Like Tabitha said, if you have a line of soap that is very feminine but you market to older business men, you better be marketing it to encourage they buy for their wives/significant others, or you aren't likely to get a lot of business.

If you're on facebook and you're marketing to housewives/mothers, your posts would be better off "speaking their language" - friendly and more girl-talk, vs if you're marketing to, we'll say Tabitha's cowboy, which you're less likely to talk girly and "fun".

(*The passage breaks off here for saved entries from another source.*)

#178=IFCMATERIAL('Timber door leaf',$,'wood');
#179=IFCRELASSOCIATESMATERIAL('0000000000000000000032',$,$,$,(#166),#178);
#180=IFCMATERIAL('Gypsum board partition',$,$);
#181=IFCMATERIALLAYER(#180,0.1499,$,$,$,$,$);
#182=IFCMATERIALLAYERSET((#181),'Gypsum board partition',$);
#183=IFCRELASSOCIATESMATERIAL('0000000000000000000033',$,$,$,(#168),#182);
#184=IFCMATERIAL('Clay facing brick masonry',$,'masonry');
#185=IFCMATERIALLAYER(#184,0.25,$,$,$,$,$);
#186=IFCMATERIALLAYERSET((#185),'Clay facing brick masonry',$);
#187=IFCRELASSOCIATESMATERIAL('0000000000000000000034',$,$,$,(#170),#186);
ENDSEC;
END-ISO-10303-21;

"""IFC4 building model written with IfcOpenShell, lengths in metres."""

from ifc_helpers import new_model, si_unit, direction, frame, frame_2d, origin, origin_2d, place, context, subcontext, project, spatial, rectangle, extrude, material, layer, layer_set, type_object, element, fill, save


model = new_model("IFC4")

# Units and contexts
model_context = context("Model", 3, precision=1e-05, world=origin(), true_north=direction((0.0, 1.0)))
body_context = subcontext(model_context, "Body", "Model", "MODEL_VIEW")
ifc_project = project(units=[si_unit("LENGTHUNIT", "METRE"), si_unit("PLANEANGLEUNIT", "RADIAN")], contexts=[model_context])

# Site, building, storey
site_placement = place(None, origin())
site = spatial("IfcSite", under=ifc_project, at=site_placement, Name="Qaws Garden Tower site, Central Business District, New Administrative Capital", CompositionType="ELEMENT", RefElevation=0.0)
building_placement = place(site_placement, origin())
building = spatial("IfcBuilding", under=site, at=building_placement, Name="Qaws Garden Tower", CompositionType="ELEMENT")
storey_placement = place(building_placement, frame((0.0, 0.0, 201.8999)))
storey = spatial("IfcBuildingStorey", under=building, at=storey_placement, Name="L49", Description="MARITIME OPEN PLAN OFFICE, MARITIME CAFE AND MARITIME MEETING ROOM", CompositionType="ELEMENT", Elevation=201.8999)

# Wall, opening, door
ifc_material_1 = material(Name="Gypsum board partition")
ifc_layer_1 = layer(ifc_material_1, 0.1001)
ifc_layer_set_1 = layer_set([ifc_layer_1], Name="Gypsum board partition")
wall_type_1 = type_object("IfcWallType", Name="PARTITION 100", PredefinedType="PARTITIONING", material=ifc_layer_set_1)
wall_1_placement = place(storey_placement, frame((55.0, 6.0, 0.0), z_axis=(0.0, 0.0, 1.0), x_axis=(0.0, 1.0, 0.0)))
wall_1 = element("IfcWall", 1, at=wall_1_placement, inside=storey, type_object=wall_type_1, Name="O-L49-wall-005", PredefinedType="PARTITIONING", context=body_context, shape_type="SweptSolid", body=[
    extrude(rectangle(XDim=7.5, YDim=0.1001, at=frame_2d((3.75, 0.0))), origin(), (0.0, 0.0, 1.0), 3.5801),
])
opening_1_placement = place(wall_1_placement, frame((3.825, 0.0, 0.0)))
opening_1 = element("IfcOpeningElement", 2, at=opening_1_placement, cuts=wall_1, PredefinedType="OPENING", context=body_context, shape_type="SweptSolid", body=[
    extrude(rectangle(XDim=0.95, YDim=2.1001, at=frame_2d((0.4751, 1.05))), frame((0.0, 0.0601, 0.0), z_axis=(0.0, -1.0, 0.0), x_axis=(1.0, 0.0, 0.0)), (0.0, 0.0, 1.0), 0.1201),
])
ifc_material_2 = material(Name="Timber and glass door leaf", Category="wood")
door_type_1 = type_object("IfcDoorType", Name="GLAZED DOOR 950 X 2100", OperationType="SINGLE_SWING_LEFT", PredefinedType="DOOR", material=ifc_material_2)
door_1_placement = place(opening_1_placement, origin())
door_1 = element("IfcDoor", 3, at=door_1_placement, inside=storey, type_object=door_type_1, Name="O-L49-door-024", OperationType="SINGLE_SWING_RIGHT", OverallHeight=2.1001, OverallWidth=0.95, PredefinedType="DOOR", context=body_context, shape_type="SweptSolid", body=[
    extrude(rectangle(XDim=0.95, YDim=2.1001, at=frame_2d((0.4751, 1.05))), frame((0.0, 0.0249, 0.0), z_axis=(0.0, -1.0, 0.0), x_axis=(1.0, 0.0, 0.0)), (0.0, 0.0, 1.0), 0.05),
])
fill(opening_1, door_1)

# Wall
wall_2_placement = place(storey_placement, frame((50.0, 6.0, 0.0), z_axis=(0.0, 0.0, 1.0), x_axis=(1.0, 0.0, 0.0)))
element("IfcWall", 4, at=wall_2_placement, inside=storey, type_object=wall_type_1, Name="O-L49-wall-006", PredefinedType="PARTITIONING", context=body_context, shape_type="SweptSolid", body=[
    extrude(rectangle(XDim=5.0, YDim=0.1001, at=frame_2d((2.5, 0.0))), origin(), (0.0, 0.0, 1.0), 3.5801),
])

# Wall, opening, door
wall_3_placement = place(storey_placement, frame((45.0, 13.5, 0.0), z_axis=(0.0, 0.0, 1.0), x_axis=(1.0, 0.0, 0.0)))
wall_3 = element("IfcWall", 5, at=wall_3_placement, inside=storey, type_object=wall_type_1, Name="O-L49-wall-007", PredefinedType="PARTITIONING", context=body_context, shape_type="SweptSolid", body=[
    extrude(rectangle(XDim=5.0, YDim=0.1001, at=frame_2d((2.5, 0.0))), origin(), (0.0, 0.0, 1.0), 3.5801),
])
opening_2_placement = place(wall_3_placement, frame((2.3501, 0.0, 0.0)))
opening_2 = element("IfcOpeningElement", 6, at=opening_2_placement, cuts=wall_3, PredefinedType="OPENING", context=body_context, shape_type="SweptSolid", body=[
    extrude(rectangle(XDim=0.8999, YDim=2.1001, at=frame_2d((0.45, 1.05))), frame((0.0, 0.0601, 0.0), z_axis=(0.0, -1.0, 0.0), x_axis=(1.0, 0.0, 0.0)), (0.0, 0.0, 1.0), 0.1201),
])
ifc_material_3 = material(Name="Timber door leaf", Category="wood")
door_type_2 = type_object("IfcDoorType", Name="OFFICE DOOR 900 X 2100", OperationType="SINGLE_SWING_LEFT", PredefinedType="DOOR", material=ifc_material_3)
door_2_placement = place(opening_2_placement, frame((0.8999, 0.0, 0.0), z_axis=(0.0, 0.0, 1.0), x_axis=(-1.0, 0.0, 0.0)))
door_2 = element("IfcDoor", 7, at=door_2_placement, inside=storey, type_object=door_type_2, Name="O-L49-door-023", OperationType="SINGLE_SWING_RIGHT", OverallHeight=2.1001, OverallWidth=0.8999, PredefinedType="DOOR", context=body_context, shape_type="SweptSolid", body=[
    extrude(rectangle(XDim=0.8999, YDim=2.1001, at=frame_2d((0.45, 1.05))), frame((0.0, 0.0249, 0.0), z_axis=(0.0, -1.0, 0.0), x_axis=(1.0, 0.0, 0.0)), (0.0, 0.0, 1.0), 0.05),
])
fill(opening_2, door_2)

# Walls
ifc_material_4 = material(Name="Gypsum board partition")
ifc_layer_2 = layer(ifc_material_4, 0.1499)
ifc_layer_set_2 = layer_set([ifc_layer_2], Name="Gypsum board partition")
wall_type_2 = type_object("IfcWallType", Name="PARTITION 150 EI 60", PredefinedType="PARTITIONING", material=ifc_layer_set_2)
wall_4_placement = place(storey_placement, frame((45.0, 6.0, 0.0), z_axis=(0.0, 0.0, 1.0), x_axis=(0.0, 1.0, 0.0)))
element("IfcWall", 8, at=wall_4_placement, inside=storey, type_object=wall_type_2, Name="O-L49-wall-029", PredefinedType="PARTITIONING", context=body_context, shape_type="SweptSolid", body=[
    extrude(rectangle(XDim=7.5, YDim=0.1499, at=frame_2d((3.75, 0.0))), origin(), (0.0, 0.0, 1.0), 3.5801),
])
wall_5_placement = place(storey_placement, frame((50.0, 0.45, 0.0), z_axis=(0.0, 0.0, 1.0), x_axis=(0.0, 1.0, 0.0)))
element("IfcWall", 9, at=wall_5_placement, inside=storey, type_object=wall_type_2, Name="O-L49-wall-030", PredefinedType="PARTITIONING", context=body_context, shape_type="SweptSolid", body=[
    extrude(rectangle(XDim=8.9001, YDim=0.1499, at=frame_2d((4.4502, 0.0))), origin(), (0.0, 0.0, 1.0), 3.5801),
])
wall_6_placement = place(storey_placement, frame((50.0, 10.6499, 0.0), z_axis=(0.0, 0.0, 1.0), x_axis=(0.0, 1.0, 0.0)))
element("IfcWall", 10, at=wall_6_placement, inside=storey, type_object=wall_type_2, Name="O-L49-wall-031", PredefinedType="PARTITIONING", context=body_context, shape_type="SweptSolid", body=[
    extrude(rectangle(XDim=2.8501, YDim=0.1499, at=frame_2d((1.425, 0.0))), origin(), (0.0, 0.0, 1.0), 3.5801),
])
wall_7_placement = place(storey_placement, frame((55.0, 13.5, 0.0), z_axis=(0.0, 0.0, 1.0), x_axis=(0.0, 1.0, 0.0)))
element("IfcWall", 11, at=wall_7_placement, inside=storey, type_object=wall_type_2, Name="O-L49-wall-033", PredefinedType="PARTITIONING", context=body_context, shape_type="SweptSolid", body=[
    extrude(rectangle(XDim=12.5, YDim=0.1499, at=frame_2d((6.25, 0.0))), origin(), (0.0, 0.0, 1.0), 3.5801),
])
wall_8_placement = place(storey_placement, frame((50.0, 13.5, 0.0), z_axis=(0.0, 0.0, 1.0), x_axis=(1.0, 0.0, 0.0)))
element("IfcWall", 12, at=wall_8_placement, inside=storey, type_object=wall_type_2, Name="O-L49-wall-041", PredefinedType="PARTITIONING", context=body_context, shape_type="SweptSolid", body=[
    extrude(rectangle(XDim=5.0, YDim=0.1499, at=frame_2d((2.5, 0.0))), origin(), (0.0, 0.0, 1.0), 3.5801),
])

Rough examples. Knowing your market is critical. It's a common misconception that you can do whatever and the business will come, but unless you have some amazing skills that most small business owners don't, it won't work and you won't stay in business long.


----------



## Relle (Aug 28, 2011)

I soap to please myself    and sell what I make. A lot of the time customers don't know what they want.


----------



## Guest (Aug 28, 2011)

Thanks for the quick responses everyone!

I have my target market(s) identified and I have a business plan. I am even talking with a marketing research professional to help with logo design, web design, and product placement. Selling soap is 90% packaging after all (maybe even 95%) and the rest making soap. People want to buy things that are pretty, especially when it comes to bath products. This is the MAIN reason I want to wait so long to start selling my soap (well that, and I want to see what its max shelf life is ;P) - gotta get the design and marketing perfect before you start! 

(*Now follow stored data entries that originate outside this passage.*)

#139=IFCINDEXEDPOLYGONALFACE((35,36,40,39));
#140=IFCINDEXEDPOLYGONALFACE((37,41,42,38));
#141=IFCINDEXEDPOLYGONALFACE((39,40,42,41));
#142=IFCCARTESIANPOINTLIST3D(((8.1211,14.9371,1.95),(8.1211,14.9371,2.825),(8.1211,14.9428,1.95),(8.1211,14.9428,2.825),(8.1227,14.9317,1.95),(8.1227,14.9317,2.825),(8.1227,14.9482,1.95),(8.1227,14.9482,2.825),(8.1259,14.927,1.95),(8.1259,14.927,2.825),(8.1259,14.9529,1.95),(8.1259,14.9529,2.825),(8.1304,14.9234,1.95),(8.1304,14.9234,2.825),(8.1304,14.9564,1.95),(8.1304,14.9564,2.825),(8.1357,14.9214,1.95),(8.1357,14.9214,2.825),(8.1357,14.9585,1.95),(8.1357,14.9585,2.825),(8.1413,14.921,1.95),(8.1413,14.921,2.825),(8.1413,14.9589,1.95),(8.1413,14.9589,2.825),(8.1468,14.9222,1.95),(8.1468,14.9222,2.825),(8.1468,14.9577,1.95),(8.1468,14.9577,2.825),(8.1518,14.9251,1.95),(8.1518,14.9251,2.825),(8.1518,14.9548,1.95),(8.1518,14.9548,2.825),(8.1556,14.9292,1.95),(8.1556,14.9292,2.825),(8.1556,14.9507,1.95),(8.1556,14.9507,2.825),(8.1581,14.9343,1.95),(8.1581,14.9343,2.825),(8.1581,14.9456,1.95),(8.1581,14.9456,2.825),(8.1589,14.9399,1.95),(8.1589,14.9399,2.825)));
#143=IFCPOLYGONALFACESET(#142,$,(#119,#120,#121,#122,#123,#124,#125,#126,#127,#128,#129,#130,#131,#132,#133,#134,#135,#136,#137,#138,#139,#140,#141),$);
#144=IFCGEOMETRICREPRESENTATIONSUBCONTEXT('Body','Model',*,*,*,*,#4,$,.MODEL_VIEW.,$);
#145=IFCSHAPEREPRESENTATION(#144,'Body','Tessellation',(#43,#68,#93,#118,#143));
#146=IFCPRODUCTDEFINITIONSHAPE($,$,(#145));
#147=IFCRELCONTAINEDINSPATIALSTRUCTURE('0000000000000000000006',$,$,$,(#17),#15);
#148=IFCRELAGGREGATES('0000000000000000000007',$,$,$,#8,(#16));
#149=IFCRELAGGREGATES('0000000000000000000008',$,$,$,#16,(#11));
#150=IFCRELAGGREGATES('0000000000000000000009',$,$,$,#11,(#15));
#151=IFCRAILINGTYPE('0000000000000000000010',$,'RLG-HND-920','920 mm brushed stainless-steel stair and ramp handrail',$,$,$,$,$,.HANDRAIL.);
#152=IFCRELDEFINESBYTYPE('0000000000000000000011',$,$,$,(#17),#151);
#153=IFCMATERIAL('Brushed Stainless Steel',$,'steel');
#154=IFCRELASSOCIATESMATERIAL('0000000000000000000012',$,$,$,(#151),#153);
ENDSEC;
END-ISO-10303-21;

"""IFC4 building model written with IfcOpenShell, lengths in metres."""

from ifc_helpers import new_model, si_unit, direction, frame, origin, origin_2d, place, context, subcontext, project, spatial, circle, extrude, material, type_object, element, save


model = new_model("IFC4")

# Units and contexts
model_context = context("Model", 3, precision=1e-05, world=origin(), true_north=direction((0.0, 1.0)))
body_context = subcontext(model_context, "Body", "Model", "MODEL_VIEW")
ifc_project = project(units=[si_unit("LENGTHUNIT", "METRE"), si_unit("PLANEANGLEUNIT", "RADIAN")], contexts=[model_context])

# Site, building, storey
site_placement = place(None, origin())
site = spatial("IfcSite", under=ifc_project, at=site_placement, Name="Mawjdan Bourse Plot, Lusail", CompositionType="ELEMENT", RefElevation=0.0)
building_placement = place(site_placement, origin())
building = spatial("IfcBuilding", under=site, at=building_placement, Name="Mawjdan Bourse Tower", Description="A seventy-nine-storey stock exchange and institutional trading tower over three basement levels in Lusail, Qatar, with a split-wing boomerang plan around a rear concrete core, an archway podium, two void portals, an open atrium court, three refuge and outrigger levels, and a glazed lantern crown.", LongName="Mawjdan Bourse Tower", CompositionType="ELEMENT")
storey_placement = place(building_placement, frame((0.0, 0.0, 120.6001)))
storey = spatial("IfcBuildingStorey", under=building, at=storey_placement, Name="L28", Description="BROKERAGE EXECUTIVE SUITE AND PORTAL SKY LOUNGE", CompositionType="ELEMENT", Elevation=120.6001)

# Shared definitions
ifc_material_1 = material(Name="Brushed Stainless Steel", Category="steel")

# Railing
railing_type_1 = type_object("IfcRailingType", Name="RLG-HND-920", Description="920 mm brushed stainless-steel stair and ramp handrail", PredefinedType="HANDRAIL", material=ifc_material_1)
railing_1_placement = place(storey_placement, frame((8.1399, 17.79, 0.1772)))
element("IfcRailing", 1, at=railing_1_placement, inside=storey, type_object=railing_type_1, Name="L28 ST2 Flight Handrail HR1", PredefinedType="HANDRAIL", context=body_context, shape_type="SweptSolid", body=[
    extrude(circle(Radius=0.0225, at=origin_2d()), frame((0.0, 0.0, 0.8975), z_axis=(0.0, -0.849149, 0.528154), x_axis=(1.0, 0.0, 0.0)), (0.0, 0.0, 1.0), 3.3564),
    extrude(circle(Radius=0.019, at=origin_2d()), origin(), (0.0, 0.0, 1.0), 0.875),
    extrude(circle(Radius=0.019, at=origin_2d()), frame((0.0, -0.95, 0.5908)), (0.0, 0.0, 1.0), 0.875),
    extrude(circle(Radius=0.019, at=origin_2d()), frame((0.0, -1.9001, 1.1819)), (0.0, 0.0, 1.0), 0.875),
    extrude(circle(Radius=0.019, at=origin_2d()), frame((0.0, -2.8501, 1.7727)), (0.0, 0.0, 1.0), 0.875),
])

So I realize that I have to pinpoint my target market I was just curious to see what customers have given you all in terms of feedback. For instance, if you are planning on marketing to cowboys, and make four or five leather fragranced soaps, and have your logo design incorporating a hat and a lasso, did you ever have any cowboys come back and say, I wish you would offer XYZ instead of what you are carrying now? Did they ask for girly soaps for their wives when you were not initially planning on marketing to women?

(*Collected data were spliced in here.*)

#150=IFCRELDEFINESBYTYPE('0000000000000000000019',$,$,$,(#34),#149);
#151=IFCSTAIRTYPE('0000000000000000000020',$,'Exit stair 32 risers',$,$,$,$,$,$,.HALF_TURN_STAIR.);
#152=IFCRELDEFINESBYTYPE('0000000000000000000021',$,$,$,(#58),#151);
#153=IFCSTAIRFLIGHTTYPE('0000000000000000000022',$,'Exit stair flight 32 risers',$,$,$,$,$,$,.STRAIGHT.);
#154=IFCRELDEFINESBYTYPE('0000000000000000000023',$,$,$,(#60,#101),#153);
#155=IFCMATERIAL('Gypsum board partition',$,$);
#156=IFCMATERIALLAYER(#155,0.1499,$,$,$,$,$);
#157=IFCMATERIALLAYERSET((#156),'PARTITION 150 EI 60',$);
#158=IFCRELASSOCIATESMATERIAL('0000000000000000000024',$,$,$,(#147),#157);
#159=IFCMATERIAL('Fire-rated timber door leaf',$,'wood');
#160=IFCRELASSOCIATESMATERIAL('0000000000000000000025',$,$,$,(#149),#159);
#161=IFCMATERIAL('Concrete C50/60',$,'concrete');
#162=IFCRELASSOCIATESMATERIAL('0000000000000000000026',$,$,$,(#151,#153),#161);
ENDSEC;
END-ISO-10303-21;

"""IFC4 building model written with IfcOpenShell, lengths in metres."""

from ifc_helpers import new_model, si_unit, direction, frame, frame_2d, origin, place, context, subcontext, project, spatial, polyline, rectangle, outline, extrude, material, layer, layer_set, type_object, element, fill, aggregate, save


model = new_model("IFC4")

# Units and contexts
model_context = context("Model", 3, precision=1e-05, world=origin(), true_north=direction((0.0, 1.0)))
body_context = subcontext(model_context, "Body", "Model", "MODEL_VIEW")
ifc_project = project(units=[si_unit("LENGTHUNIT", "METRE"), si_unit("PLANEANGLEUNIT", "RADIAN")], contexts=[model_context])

So, with this in mind, your target market can also expand - or it can be large to begin with - say 15 - 34 year old females (AKA Victoria Secret), people on a budget (Target or Wal-Mart), etc. or you can get quite specific - people with skin sensitivities that want absolutely no fragrance or colorants. Also, I was really wondering if anyone had marketed to two different target markets at the same time, by offering an organic essential oil soap and also with a fragrance oil, colored soap.


----------



## Tabitha (Aug 28, 2011)

Judy & Amy, you are both right. You would probably be included in your target market therfore soaping to suit yourself should suit your target market as well.  If you are a goth at heart, your target market probably wouldn't be a hippie market. You are best targeting your market twords a group you fit in or wished you fit in and have an understnding of.


----------